# Problem mit Grafikkarte nach winxp-update



## Rafryder (5. März 2004)

hallo an alle!

ich gib mal die vorgeschichte zu meinem problem zum besten:

vor kurzem hab ich winxp-home mit winxpprofessional updated... während der installation kam eine meldung, dass ich eine bestimmte datei brauche, die ich jedoch leichtsinnigerweise wegklickte.
installation haute hin, dann wollte ich unreal tournament 2003 spielen. dabei kam aber nur folgende meldung:

Please enable Direct3D acceleration. You can do this by starting dxdiag and enabling Direct3D acceleration in the Disply 1/2 tab after installing DirectX 8.1b (or later) and the latest drivers for your graphics card.

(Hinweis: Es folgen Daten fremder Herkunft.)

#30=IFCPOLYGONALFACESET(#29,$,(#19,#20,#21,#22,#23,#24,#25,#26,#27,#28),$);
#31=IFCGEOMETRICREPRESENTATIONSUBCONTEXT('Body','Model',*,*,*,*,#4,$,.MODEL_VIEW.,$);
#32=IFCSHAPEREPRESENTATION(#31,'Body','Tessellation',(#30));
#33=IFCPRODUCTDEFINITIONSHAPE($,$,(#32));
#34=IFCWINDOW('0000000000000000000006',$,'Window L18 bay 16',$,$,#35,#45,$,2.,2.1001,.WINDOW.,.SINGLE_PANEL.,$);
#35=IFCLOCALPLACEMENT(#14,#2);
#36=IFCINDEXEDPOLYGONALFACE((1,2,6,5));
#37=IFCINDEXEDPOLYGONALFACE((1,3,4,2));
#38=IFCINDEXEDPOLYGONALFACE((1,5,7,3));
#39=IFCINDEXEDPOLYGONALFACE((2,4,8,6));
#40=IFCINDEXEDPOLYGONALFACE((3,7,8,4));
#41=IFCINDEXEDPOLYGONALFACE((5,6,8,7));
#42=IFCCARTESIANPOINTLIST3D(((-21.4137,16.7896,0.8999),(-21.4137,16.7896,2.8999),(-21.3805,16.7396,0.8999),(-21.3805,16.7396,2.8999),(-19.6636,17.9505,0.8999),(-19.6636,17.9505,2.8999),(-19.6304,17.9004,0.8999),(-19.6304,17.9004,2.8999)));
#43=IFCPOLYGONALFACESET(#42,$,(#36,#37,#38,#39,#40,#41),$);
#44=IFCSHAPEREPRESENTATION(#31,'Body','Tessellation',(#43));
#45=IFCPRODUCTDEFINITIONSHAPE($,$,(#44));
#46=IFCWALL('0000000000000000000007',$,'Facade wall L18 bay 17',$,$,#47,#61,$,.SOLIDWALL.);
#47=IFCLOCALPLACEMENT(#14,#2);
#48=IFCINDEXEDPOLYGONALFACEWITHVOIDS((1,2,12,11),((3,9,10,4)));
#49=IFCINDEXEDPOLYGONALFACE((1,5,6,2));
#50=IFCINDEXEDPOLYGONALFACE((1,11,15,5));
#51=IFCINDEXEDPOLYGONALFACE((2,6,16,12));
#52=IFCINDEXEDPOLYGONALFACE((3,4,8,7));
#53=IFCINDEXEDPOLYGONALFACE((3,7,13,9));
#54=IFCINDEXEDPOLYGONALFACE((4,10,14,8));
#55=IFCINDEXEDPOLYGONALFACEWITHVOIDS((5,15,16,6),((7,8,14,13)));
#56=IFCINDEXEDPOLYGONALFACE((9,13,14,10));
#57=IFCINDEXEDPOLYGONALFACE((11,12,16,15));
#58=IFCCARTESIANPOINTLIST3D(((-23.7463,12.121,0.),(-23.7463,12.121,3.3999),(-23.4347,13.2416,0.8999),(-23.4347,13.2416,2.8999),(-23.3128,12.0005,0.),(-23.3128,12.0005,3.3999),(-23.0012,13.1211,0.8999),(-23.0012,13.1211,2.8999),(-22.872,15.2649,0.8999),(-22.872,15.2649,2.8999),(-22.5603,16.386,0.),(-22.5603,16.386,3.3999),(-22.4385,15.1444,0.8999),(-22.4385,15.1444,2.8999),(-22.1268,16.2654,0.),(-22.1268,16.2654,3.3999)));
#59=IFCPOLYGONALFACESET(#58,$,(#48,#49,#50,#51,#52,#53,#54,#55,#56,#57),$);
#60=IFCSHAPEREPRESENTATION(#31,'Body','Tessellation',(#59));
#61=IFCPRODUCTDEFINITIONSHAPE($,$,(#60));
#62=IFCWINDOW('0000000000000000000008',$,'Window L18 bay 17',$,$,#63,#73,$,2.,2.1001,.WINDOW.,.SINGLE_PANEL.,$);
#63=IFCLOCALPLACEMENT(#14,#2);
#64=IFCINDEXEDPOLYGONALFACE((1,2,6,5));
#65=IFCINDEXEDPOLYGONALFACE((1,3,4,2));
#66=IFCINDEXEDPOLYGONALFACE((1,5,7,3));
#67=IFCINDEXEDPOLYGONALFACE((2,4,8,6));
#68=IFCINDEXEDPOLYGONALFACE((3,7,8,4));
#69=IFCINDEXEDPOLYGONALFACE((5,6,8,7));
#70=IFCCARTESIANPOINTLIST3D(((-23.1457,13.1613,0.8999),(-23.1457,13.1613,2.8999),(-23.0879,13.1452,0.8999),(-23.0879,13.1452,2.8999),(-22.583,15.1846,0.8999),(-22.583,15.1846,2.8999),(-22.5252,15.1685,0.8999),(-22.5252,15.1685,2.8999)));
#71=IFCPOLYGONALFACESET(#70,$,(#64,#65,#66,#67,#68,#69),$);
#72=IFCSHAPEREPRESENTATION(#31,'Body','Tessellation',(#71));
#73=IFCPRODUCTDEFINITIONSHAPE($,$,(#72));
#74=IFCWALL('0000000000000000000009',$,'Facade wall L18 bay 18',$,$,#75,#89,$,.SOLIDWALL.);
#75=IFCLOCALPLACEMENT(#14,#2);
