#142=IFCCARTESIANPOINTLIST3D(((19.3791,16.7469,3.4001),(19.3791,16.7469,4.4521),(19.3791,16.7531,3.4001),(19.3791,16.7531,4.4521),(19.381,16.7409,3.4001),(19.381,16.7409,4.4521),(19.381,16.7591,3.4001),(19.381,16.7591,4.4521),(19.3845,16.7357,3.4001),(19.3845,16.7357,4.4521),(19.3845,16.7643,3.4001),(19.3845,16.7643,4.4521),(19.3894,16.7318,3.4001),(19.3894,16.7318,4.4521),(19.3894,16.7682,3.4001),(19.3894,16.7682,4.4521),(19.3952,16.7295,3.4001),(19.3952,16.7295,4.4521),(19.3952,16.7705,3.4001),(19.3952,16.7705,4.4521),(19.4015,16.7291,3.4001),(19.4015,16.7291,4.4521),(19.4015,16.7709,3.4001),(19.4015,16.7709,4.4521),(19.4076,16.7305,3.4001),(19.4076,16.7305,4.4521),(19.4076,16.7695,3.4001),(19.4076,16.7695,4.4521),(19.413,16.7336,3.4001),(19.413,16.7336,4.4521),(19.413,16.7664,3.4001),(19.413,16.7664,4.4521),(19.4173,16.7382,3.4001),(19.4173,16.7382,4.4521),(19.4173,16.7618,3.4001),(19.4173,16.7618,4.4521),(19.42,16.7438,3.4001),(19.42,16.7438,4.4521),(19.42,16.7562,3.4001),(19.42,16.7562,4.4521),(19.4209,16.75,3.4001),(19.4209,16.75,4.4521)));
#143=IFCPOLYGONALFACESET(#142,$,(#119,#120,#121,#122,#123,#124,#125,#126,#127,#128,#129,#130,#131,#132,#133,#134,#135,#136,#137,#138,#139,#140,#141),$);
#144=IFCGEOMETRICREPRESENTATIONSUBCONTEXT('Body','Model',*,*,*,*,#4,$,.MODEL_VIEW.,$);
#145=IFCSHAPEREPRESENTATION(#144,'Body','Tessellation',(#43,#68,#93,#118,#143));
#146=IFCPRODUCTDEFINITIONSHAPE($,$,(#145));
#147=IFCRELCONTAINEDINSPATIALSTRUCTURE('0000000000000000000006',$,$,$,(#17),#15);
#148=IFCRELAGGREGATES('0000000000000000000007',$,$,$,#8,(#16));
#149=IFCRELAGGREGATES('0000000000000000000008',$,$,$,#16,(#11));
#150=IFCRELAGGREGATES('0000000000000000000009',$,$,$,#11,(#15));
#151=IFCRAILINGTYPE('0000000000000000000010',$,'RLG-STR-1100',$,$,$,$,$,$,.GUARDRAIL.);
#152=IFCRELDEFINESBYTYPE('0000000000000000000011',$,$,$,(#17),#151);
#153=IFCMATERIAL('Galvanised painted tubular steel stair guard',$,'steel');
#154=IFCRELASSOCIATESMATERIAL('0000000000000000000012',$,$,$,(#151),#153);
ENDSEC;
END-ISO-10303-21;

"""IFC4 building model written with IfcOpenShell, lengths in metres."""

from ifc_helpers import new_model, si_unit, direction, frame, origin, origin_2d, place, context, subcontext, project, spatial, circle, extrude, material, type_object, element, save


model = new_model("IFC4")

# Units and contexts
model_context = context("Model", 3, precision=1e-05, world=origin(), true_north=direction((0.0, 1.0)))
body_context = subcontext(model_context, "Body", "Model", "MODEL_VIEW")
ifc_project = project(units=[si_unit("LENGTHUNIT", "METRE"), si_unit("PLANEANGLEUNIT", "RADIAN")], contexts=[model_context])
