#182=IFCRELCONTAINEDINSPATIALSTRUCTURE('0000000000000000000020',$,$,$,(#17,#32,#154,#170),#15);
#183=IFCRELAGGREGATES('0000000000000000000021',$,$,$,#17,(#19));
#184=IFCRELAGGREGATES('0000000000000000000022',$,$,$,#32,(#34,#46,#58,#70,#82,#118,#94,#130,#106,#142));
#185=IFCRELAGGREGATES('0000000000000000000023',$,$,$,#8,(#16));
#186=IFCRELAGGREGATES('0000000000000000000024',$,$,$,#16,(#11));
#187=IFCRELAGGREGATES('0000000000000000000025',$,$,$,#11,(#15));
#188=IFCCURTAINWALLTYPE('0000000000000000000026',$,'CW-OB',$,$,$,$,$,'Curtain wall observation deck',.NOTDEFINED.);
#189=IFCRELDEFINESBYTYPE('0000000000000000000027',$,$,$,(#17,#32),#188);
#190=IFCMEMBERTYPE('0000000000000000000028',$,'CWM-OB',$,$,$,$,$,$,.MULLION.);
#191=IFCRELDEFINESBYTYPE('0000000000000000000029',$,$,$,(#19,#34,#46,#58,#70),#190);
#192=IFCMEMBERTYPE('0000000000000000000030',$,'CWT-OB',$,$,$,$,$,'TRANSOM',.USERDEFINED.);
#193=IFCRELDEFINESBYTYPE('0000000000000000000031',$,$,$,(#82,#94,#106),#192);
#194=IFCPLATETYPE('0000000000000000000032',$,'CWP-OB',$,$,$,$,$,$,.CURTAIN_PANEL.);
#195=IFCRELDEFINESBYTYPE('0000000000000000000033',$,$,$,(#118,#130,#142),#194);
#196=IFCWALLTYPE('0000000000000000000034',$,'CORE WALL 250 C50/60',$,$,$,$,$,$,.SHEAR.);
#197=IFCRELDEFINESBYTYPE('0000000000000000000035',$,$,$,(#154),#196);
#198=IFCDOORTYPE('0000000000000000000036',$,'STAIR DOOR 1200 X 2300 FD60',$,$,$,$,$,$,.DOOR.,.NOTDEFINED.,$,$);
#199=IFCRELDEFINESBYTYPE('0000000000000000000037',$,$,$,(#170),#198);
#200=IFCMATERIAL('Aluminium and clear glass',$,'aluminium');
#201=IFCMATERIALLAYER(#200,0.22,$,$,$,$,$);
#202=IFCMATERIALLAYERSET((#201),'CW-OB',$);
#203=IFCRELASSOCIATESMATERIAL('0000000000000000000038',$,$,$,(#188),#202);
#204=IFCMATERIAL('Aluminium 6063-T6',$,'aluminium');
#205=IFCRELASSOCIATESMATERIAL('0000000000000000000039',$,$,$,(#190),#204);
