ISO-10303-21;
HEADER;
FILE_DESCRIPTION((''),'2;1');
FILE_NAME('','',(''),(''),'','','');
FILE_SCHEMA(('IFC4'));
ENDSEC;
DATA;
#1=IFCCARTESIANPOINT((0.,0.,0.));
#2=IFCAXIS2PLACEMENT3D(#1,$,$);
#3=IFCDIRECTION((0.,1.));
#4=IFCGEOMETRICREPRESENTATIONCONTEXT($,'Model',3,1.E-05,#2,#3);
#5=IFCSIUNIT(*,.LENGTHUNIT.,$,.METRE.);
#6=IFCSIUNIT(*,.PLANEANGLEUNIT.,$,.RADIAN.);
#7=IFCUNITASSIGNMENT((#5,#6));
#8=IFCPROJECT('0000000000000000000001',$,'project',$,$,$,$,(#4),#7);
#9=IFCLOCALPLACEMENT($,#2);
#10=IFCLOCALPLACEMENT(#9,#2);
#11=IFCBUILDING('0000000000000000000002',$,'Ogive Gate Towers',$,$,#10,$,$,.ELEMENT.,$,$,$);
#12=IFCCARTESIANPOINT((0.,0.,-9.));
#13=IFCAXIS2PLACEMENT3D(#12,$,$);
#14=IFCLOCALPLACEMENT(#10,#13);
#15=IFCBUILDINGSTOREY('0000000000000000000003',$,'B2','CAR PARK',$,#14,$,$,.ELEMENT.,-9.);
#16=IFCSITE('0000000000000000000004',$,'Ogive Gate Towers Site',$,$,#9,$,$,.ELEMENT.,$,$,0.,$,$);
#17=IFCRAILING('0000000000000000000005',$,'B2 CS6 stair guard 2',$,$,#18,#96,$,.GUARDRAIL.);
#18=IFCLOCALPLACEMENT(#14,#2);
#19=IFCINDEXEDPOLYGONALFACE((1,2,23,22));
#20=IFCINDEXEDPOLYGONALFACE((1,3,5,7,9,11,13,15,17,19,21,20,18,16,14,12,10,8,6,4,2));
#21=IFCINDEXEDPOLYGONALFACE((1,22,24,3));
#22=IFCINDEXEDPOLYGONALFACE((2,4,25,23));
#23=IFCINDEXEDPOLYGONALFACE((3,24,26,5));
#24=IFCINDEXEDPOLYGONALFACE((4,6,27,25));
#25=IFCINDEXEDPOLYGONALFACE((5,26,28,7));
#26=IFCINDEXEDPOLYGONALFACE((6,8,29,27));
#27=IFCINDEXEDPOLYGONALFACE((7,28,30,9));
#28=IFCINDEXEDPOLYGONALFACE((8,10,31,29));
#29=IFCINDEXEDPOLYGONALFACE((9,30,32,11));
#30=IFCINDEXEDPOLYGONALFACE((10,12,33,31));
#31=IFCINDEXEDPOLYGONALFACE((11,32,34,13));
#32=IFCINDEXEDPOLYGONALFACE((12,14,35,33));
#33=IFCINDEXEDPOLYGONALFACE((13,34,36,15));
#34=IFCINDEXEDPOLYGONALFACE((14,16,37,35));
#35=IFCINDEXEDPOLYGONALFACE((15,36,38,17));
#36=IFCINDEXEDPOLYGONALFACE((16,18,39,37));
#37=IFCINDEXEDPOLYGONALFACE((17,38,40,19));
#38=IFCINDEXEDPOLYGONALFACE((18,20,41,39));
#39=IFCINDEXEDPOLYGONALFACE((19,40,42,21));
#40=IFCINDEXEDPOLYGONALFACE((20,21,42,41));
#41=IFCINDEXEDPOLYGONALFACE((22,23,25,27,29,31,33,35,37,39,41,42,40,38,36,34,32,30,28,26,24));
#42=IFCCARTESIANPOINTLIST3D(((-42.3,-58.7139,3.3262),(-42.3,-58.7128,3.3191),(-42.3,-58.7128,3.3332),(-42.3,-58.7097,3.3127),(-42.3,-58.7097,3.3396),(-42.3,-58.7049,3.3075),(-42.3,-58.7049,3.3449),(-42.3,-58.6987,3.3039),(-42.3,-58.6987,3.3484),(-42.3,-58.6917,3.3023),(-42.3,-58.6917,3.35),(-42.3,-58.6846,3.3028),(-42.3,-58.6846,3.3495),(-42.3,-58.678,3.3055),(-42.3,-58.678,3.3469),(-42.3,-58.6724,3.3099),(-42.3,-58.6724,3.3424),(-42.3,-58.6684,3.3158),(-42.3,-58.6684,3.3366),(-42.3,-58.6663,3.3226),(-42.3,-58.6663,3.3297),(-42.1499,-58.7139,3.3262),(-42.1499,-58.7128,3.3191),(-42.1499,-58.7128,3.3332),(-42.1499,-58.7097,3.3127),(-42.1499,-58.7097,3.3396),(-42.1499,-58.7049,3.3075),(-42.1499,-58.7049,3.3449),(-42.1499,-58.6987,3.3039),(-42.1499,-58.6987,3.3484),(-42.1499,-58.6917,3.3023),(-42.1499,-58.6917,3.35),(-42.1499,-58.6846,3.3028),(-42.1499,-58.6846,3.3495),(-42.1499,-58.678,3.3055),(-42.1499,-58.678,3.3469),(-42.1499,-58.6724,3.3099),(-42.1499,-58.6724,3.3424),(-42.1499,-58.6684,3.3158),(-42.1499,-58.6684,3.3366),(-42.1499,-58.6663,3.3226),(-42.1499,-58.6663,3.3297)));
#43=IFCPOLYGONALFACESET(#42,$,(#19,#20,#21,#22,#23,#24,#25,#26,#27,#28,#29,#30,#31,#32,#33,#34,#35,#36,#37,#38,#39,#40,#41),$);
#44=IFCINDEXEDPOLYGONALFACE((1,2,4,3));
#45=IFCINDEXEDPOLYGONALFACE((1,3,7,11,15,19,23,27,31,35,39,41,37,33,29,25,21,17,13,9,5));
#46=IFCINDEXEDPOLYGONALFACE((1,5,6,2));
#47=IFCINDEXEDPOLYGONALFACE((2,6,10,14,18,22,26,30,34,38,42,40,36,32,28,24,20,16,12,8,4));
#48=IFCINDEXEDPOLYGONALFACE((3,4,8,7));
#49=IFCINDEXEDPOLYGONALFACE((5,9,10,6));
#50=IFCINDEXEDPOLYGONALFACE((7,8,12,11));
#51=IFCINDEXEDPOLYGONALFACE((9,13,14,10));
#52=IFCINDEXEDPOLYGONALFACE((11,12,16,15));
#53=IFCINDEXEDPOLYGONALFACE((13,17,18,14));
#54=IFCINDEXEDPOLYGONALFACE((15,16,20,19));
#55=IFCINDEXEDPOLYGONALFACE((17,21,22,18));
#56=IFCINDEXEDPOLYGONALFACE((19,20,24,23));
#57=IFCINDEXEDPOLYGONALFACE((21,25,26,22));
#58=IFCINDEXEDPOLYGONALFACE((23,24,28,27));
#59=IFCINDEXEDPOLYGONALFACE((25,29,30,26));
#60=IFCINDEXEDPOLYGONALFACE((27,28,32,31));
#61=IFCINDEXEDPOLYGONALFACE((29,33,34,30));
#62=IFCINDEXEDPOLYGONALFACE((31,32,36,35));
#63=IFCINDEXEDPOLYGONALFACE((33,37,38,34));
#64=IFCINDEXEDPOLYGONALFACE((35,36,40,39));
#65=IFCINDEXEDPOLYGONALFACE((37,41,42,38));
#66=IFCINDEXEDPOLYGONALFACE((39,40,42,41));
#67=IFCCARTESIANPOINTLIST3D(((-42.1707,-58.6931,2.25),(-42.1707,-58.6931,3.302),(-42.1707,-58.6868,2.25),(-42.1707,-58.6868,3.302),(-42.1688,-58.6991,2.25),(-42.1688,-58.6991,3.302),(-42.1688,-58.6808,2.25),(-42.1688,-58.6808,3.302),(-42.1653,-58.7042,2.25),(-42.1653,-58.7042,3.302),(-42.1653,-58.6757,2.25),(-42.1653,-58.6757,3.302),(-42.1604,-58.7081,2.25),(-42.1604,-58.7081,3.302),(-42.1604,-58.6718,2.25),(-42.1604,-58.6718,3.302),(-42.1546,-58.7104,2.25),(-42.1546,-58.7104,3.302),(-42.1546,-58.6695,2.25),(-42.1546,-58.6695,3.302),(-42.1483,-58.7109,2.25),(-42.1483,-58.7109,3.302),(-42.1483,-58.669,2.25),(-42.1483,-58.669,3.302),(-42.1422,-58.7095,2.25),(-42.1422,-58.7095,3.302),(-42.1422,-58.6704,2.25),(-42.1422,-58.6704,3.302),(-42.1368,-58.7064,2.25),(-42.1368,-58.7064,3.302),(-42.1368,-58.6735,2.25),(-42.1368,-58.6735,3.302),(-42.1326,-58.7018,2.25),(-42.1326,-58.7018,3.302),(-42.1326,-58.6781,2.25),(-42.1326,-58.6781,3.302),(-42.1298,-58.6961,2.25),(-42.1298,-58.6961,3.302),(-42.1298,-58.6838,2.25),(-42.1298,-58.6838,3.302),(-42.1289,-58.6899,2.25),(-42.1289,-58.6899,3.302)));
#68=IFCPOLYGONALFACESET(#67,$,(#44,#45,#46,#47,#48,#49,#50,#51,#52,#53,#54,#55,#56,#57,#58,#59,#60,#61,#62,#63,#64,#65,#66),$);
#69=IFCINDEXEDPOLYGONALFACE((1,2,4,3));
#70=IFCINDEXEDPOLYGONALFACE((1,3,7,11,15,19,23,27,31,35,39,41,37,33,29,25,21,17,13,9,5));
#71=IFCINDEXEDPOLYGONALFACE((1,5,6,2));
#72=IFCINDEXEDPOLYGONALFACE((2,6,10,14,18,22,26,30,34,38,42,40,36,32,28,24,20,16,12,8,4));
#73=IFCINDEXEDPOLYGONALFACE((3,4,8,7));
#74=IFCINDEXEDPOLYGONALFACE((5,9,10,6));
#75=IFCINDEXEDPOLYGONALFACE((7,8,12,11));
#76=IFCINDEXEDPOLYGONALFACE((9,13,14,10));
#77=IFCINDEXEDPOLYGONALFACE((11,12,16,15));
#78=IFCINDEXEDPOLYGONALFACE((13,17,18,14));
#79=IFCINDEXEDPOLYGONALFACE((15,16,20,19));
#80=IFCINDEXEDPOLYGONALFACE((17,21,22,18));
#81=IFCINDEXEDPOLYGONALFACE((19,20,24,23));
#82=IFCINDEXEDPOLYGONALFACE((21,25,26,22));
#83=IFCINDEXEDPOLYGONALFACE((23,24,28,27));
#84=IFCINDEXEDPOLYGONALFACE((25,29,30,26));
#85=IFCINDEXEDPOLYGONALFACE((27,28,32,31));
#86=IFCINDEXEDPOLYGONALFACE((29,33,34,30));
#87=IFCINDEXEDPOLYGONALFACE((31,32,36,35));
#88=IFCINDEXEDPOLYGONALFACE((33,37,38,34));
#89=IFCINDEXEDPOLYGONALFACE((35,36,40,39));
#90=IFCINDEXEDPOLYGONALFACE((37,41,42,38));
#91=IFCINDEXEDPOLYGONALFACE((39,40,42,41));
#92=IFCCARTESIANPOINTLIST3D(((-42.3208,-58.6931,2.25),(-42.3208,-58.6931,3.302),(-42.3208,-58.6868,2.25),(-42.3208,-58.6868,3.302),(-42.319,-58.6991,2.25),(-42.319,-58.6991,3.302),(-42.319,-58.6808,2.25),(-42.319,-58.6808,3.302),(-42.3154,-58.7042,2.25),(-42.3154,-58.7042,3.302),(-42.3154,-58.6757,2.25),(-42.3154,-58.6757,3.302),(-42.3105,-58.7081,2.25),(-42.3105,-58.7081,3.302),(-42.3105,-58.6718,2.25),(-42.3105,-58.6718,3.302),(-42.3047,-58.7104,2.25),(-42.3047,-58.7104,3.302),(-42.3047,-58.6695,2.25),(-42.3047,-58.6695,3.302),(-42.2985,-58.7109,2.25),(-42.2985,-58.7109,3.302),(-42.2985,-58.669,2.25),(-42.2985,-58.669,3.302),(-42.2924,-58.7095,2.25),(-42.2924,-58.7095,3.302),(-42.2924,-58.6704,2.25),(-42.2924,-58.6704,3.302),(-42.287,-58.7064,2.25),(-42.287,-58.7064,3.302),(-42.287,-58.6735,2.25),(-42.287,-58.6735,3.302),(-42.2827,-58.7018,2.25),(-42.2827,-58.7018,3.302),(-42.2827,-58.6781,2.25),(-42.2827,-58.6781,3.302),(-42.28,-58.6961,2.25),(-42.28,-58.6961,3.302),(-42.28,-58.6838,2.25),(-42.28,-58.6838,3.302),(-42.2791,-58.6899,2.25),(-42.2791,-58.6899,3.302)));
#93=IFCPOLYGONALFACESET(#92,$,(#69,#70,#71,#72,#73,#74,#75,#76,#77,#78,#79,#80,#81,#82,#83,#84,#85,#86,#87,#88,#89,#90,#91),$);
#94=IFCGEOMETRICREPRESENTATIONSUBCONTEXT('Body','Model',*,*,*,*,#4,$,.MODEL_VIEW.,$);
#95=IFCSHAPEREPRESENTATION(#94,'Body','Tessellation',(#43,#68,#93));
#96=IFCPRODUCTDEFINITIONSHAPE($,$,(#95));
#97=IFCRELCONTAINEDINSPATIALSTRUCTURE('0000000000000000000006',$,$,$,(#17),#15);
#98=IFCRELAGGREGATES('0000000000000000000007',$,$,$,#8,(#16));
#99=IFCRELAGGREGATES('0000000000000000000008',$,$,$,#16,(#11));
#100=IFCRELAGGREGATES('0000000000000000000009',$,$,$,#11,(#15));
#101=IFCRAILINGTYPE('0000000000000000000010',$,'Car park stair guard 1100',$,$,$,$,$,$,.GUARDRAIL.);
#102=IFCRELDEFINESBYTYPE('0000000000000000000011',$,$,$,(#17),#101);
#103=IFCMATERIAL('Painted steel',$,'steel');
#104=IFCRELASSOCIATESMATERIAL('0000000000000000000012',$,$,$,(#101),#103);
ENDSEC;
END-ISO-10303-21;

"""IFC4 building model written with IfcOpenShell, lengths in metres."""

from ifc_helpers import new_model, si_unit, direction, frame, origin, origin_2d, place, context, subcontext, project, spatial, circle, extrude, material, type_object, element, save


model = new_model("IFC4")

# Units and contexts
model_context = context("Model", 3, precision=1e-05, world=origin(), true_north=direction((0.0, 1.0)))
body_context = subcontext(model_context, "Body", "Model", "MODEL_VIEW")
ifc_project = project(units=[si_unit("LENGTHUNIT", "METRE"), si_unit("PLANEANGLEUNIT", "RADIAN")], contexts=[model_context])

# Site, building, storey
site_placement = place(None, origin())
site = spatial("IfcSite", under=ifc_project, at=site_placement, Name="Ogive Gate Towers Site", CompositionType="ELEMENT", RefElevation=0.0)
building_placement = place(site_placement, origin())
building = spatial("IfcBuilding", under=site, at=building_placement, Name="Ogive Gate Towers", CompositionType="ELEMENT")
storey_placement = place(building_placement, frame((0.0, 0.0, -9.0)))
storey = spatial("IfcBuildingStorey", under=building, at=storey_placement, Name="B2", Description="CAR PARK", CompositionType="ELEMENT", Elevation=-9.0)

# Railing
ifc_material_1 = material(Name="Painted steel", Category="steel")
railing_type_1 = type_object("IfcRailingType", Name="Car park stair guard 1100", PredefinedType="GUARDRAIL", material=ifc_material_1)
railing_1_placement = place(storey_placement, frame((-42.1499, -58.6899, 2.25)))
element("IfcRailing", 1, at=railing_1_placement, inside=storey, type_object=railing_type_1, Name="B2 CS6 stair guard 2", PredefinedType="GUARDRAIL", context=body_context, shape_type="SweptSolid", body=[
    extrude(circle(Radius=0.0239, at=origin_2d()), frame((0.0, 0.0, 1.0762), z_axis=(-1.0, 0.0, 0.0), x_axis=(0.0, -1.0, 0.0)), (0.0, 0.0, 1.0), 0.1501),
    extrude(circle(Radius=0.021, at=origin_2d()), origin(), (0.0, 0.0, 1.0), 1.052),
    extrude(circle(Radius=0.021, at=origin_2d()), frame((-0.1501, 0.0, 0.0)), (0.0, 0.0, 1.0), 1.052),
])

save(model, "model.ifc")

also: grafik-treiber hab ich den neuesten runtergeladen (denke ich zumindest!?) meine grafikkarte: nVidia GeForce FX 5200, 8 x AGP Grafikkarte
DirectX hab ich 9.0b version und im dxdiag gibts doch gar nichts um diese in der Meldung erwähnte Direct3D acceleration zu enablen(!?)

kann mir jemand weiterhelfen wäre wirklich äußerst dankbar.

mit freundlichen grüßen


RAFRYDER


----------



## server (7. März 2004)

Hi,

Treiber deinstallieren und nochmal versuchen *g*


----------